Хмурым осенним утром казанцы увидели против Царевых и Арских ворот грозные гуляй-города, с их верхних платформ нацелились жерла пушек на городские площади и улицы. Теперь казанцам нельзя было прятаться на стенах, да и по улицам приходилось
Имя строителя башен Голована стало известно царю Ивану Васильевичу.
Москвич Кондратий выпросился наверх со своей пушкой. С высоты он зорко следил, что делается в городе, и, если появлялась группа неприятелей под прицелом, пускал ядро. Подручным при нем стоял бывший монах Филимон, которого Кондратий полюбил за приверженность к осадному делу, за то, что без устали подтаскивал ядра, отмерял порох лубяной меркой и подносил фитиль, когда надо было сделать выстрел.
С верхней платформы гуляй-города Кондратию довелось видеть казнь его бывшею товарища по неволе у Курбана – пушкаря Самсона. Отважный армянин первый отказался воевать против русских и своим примером увлек других товарищей – пушкарей. Казнью Самсона Музафар хотел навести ужас на его соотечественников и принудить их стать к орудиям.
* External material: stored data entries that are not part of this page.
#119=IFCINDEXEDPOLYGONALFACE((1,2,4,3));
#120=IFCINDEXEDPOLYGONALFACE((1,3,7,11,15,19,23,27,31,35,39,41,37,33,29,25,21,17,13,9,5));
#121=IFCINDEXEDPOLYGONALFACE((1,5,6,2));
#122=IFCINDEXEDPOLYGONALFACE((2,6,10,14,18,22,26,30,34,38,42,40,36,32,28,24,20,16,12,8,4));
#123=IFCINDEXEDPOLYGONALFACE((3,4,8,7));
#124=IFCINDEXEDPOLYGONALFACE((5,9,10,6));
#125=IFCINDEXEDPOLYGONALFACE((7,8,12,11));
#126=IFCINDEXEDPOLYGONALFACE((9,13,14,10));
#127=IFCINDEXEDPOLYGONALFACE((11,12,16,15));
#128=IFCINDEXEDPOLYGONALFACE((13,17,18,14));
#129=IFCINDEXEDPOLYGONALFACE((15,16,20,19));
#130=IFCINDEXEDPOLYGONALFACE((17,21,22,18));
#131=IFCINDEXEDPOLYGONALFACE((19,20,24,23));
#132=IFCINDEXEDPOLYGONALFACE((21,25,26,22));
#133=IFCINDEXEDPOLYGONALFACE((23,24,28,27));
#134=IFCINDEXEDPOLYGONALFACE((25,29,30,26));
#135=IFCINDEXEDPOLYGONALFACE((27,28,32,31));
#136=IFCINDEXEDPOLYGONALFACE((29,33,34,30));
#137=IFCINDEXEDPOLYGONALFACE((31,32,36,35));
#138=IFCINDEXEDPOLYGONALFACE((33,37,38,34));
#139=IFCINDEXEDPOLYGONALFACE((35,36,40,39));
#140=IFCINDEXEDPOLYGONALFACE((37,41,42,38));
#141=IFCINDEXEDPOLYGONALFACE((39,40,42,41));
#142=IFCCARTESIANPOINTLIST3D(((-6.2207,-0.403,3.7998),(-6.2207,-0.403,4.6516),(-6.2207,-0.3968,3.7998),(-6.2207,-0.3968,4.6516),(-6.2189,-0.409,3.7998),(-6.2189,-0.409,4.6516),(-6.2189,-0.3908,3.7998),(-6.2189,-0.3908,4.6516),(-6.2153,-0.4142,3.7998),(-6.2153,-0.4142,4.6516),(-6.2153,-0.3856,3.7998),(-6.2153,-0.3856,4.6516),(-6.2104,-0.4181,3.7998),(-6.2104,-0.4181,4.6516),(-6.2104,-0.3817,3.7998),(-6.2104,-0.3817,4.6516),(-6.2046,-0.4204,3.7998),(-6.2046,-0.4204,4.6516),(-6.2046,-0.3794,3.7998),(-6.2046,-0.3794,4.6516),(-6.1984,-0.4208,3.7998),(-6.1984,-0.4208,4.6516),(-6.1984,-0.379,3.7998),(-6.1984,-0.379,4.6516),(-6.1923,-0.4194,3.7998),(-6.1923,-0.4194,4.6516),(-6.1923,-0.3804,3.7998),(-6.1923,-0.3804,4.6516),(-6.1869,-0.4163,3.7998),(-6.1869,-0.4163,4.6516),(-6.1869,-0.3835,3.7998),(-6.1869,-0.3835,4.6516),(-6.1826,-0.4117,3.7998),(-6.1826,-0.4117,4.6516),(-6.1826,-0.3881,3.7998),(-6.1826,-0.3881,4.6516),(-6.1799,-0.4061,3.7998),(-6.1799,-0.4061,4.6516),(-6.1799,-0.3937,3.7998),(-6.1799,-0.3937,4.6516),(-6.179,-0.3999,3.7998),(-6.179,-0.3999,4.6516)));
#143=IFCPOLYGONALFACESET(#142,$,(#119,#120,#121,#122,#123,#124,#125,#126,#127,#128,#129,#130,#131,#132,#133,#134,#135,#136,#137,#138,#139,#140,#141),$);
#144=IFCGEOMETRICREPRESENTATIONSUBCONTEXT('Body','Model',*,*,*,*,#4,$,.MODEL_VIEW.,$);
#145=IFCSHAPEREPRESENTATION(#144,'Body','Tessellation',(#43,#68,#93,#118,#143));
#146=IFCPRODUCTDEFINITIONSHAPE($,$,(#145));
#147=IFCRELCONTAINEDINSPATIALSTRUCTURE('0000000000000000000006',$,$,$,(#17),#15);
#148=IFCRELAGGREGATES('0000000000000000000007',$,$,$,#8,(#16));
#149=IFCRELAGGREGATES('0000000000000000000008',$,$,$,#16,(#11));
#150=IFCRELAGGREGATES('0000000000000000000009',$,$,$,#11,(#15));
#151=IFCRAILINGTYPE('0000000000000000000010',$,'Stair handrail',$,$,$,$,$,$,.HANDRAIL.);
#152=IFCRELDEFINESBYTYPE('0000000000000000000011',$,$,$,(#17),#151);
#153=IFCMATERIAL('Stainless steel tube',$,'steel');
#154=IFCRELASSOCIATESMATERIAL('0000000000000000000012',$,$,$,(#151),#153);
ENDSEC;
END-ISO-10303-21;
В самый полдень на стену поднялась группа людей, и Кондратий уже собирался пустить в них ядро, как вдруг замер в удивлении. В толпе, появившейся на городской стене, было всего несколько татар; они окружали закованных в цепи смуглых горбоносых людей. В этих узниках Кондратий узнал армян, с которыми не раз сталкивался во время своего длительного рабства в Казани.
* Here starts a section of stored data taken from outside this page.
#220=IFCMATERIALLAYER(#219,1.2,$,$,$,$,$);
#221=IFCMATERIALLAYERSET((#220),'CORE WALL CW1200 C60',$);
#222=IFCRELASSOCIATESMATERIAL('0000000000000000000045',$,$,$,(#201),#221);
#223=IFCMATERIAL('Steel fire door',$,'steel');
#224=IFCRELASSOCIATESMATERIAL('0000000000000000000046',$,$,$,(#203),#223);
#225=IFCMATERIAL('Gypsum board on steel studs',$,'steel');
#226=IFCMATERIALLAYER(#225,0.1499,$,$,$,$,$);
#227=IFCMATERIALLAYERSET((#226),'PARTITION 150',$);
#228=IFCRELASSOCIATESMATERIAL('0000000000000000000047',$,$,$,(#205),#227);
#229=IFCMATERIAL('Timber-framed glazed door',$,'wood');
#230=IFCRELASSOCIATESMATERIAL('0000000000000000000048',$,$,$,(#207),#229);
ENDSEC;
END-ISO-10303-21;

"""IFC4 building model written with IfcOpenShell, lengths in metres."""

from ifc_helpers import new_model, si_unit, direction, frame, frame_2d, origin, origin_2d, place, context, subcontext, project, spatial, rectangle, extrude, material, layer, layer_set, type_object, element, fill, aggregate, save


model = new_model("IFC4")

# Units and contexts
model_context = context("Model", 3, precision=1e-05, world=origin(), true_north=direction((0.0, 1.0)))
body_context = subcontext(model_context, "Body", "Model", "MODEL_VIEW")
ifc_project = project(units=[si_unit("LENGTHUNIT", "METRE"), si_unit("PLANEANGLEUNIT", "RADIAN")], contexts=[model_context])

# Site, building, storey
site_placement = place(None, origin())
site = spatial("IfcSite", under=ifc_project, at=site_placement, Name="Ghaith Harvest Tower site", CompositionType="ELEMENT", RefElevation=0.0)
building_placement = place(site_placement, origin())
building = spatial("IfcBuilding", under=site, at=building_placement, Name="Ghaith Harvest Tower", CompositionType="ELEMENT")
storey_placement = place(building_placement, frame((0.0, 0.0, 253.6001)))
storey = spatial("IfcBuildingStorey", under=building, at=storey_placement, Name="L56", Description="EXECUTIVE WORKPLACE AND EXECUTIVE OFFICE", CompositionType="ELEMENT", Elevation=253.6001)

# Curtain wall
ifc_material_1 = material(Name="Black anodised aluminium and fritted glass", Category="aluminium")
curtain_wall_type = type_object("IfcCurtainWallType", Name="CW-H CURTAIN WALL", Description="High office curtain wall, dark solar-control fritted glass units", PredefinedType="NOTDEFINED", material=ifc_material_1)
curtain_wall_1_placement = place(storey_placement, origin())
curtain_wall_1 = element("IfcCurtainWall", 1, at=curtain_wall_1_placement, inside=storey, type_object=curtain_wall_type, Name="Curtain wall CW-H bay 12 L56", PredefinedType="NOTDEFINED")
Одного из них вытолкнули вперед, заставили стать на колени и наклонить голову.
– Самсонушко! – ахнул Кондратий. – Родной!
Свистнул ятаган, и голова Самсона покатилась на камни стены. Кондратий увидел, как размахивали скованными руками и кричали на татар армянские пушкари, а татары лупили армян нагайками.
После ожесточенного спора татары прогнали пленников со стены.
Кондратий так и не решился пустить ядро, боясь попасть в армян.
Позже русские узнали, что казнь Самсона не достигла цели: армяне так и не стали к пушкам, и всех их посадили в зиндан.
Иногда наверху гуляй-города появлялся Голован. Если он выходил на открытую часть платформы, Кондратий прогонял его в безопасное место.
– С ума сошел! – сердито кричал он. – Как раз стрелой сымут!
– Ты ходишь!
– Меня убьют, по мне плакальщиков нет. А ты свою голову должен беречь: за ней еще много-много долгов!
Кондратий был прав, советуя Головану быть осторожным: самому ему оплошность стоила жизни.
После одного особенно удачного выстрела Кондратий выбежал из-под укрытия. Длинная татарская стрела вонзилась ему в бок.
Кондратий умер на руках Филимона. Последними его словами были:
– Кланяйся родной Москве… Не довелось… вернуться…
С появлением осадных башен русские вплотную придвинули укрепления к Царевым и Арским воротам: между русскими турами и городской стеной оставался только ров в три сажени шириной и семь глубиной. Но перейти такой ров было нелегким делом.
Глава XVI
Первый приступ
Царь торопил воевод и розмыслов: осада слишком затянулась.
Помимо подкопа, который лишил казанцев воды, розмыслы вели еще три подкопа к городу: один поменьше – под татарские тарасы, что не давали подступа к стенам; два других, на которые осаждающие возлагали все надежды, – под городские стены на двух удаленных друг от друга участках.